I noticed a box that says subscribe to comment… are you supposed to be able to subscribe so you don’t have to fill out the Name Email each time you submit a comment? If so I can’t figure out how it works. Course maybe you should dissuade people like me from making it too easy to comment because we’ll end up spamming you with questions.
Walter Andersen Nursery carries a good variety of tomato seedlings, and it’s fun to go many times during spring because they have something different every time we go. However, I prefer to grow from seed. And I have to mention that there are good sources that provide a lot of seeds for a very reasonable price. Hopefully it’s okay to name one here. I love the Sample Seed Shop. sampleseeds.com
I mostly grow open polinated varieties, so I save seeds.
And yes, I do have failures. They don’t bother me at all. I keep learning what didn’t work this year and then think about what I can try different next year. That’s part of what makes gardening fun. I really like trying different things. One example is that I really love tomatoes and am always trying different ones. I know that I could be very satisfied growing just four varieties every year. I’ve tried so many, and I know that those four are my favorites. But I keep trying different ones just for the fun of it.
Hi Robert,
Thanks for that. I’d never heard of Sample Seed Shop. Looks like a great idea since, as you said, part of the fun in gardening is trying new things. I totally agree with that. There can never be a bored gardener.

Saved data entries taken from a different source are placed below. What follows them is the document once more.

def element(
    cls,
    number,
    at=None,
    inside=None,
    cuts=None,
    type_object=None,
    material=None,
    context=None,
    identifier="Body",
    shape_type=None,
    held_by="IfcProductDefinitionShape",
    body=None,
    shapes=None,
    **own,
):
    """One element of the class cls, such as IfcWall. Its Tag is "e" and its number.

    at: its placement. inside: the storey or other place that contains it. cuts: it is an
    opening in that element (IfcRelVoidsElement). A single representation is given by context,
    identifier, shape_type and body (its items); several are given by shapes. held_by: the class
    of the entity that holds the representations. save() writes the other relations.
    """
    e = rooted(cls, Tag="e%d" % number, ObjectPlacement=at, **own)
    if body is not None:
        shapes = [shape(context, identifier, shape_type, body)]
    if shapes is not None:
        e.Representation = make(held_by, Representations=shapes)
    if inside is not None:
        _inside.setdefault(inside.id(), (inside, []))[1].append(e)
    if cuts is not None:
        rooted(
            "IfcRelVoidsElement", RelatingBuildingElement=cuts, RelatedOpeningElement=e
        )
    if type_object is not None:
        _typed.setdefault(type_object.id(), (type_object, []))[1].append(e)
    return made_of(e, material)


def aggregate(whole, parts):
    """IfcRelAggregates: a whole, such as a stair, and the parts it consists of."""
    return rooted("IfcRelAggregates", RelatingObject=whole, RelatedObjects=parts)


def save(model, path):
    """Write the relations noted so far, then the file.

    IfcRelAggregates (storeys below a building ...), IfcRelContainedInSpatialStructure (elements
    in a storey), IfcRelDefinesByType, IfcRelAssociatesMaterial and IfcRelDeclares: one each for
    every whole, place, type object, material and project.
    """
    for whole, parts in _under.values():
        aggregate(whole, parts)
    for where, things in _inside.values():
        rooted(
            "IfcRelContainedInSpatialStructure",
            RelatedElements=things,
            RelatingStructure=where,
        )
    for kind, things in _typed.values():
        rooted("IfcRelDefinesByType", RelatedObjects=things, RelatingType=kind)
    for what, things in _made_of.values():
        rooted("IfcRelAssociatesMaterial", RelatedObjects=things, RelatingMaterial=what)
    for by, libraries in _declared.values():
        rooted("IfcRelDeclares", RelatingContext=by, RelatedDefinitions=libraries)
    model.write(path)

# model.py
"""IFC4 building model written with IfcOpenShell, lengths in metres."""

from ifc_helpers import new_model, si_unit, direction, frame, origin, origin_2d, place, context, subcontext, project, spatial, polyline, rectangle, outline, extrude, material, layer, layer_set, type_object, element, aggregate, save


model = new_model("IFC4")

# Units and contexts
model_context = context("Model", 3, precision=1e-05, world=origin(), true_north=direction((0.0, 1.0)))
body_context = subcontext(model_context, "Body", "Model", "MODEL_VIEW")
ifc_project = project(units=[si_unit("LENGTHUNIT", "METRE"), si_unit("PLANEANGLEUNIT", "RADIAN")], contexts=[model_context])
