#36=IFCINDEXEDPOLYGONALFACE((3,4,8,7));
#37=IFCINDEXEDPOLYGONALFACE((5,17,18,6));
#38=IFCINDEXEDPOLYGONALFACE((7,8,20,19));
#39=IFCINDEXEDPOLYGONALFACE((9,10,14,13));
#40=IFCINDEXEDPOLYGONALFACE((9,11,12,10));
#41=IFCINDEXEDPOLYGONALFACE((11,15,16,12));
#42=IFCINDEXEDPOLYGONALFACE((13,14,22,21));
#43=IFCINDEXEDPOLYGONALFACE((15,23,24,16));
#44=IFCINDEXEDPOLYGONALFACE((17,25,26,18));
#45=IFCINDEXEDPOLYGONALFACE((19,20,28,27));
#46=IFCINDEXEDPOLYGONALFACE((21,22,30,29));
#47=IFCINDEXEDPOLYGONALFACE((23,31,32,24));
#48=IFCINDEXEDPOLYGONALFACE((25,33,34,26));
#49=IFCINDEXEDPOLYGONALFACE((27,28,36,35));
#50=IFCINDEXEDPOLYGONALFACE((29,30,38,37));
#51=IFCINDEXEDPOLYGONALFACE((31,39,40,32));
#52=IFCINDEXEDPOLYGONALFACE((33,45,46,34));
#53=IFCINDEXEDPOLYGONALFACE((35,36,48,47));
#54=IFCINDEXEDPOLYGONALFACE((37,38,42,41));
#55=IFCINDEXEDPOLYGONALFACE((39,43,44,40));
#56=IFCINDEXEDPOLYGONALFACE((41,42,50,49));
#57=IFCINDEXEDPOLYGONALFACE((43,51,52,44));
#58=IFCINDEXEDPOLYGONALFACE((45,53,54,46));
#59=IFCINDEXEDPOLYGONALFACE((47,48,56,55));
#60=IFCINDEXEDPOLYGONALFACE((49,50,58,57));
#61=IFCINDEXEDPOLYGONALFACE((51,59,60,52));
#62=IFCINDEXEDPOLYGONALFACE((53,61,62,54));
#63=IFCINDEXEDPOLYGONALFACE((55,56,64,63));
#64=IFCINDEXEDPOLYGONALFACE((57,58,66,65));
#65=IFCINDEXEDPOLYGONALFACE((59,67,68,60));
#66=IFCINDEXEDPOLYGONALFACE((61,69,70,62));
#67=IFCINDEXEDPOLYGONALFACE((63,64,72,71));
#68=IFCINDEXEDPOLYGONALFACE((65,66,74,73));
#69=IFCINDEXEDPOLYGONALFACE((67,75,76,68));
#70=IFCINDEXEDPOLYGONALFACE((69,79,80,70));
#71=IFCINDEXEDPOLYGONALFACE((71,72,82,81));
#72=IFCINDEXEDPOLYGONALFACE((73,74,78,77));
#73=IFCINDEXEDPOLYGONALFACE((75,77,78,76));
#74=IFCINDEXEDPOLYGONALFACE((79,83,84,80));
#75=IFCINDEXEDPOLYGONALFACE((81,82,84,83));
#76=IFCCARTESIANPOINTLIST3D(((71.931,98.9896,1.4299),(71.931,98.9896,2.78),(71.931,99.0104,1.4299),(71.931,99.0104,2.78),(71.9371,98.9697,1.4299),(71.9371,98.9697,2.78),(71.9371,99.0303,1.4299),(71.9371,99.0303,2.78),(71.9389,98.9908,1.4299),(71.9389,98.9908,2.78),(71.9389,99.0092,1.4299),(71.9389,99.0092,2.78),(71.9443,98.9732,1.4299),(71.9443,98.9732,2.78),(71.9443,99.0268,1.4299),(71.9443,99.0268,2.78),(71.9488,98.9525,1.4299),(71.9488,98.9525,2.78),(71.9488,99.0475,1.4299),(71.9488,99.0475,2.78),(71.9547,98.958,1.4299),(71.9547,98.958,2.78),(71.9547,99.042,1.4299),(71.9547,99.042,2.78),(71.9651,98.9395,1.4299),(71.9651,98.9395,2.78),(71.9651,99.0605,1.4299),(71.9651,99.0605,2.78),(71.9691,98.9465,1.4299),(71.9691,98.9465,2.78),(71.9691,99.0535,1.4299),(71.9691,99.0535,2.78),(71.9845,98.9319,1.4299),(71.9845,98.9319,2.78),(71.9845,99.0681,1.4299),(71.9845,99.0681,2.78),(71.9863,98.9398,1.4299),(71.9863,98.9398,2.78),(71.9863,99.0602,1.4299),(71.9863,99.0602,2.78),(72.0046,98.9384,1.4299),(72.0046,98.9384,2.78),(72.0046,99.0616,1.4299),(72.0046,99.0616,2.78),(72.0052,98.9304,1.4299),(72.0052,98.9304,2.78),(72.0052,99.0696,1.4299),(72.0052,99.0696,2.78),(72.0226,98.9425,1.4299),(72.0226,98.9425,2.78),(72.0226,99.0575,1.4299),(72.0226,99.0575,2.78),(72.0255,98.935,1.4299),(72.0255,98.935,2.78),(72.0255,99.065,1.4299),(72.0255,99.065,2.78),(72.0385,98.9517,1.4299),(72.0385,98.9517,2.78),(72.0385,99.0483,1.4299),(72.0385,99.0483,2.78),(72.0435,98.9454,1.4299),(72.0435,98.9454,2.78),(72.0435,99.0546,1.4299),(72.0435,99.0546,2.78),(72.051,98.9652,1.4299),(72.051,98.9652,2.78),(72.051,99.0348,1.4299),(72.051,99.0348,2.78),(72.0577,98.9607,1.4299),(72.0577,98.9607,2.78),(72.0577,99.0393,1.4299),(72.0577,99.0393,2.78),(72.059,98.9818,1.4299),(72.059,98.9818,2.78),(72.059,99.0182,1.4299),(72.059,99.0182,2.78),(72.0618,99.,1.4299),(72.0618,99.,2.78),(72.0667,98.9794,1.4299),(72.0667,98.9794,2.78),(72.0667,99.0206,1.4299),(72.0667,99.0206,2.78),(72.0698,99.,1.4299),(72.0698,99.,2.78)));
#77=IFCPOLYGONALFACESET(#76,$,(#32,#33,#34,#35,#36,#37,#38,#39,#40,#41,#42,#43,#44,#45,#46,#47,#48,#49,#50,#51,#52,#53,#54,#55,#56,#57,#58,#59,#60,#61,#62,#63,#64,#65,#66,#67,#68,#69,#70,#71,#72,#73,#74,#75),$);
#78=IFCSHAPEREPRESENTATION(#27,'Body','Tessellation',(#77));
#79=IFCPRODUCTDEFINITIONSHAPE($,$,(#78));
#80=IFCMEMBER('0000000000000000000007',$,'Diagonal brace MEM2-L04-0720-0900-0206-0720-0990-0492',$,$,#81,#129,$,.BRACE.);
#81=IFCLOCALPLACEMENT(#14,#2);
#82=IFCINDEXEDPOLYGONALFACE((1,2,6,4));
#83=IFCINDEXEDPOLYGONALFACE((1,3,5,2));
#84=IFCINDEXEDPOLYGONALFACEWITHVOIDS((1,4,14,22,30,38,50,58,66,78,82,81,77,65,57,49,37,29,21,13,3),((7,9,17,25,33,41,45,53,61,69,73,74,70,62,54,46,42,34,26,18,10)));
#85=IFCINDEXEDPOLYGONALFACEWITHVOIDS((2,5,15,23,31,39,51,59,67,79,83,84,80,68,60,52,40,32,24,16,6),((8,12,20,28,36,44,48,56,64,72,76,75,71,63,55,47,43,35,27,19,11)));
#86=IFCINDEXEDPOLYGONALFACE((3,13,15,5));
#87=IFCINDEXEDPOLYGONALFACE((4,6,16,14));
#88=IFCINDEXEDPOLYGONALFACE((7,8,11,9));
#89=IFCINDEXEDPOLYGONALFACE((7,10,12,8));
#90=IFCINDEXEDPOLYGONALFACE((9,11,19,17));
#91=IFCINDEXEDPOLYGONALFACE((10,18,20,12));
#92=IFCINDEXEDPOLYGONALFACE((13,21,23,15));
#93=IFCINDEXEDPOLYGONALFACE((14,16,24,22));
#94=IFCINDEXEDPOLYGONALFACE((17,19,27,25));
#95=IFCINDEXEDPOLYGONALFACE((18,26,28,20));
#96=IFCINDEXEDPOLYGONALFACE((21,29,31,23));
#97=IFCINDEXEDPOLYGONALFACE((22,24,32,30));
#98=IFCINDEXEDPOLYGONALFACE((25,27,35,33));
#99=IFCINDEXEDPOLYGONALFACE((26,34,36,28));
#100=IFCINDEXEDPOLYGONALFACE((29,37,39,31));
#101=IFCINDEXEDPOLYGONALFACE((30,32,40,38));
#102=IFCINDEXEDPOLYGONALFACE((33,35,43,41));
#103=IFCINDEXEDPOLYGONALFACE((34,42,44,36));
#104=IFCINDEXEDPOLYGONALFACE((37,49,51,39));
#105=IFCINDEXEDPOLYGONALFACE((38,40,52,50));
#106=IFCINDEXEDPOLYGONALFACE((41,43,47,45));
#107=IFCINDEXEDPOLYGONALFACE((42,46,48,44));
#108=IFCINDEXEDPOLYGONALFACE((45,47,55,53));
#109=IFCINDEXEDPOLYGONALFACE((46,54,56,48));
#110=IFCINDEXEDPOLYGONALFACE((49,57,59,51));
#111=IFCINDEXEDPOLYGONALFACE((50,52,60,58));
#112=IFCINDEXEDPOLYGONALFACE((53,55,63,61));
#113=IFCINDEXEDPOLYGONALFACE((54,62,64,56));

Greg, I bought a bunch of varieties of pumpkin to hopefully have a patch for my kids. Being new at growing from seed when should I start them in the trays to then plant them in the ground (or should I even bother with the trays and plant them directly in the ground)? Also, should I soak the seeds overnight before planting?
Thanks for the help…
Any advice on how to get peppers to germinate would be greatly appreciated. Also, do you use the compost straight for seed soil or do you mix it with something?
Hi Bob,
Pepper seeds are among the hardest to germinate because they need high heat (soil temp of 70F or higher is said to be optimal) or else they take forever, which means it’s easy to rot them or dry them out in the meantime. So I start them in the house where it’s warmer or at least bring them inside at night, or I wait until the weather has warmed in spring. I don’t use a heating mat, but that would be very helpful. This year, in fact, I’ve decided to just buy pepper seedlings because not only are they hard to germinate but they also grow very slowly without enough heat so for me it takes a couple months before a seedling is up to transplant size.
I do just use my “chicken compost” as the seed-starting mix, like with all of my other vegetable starts. It is a mix of my sandy loam soil, wood chips (tiny bits because I screen it), chicken manure, food and garden scraps. But really it just looks like a regular, good compost that you’d buy at a garden center. It’s denser than the seed-starting mixes you buy at garden centers (there’s no peat or perlite in it). Here’s a photo of my chicken compost: https://gregalder.com/yardposts/chickens-my-gardens-little-helpers/img_20170529_115136/
Bottom line for me is that peppers are the one vegetable that I’m always tempted to buy as transplants rather than grow from seed because of how challenging and slow they are without equipment such as a heating mat and greenhouse.
thank you. I just bought some plants and will continue with seed germination attempts. I have chicken compost that I’ll make some starter mix with as well. I’ve heard people put seeds in a ziplock with a moist paper towel and when they germinate they move them to dirt.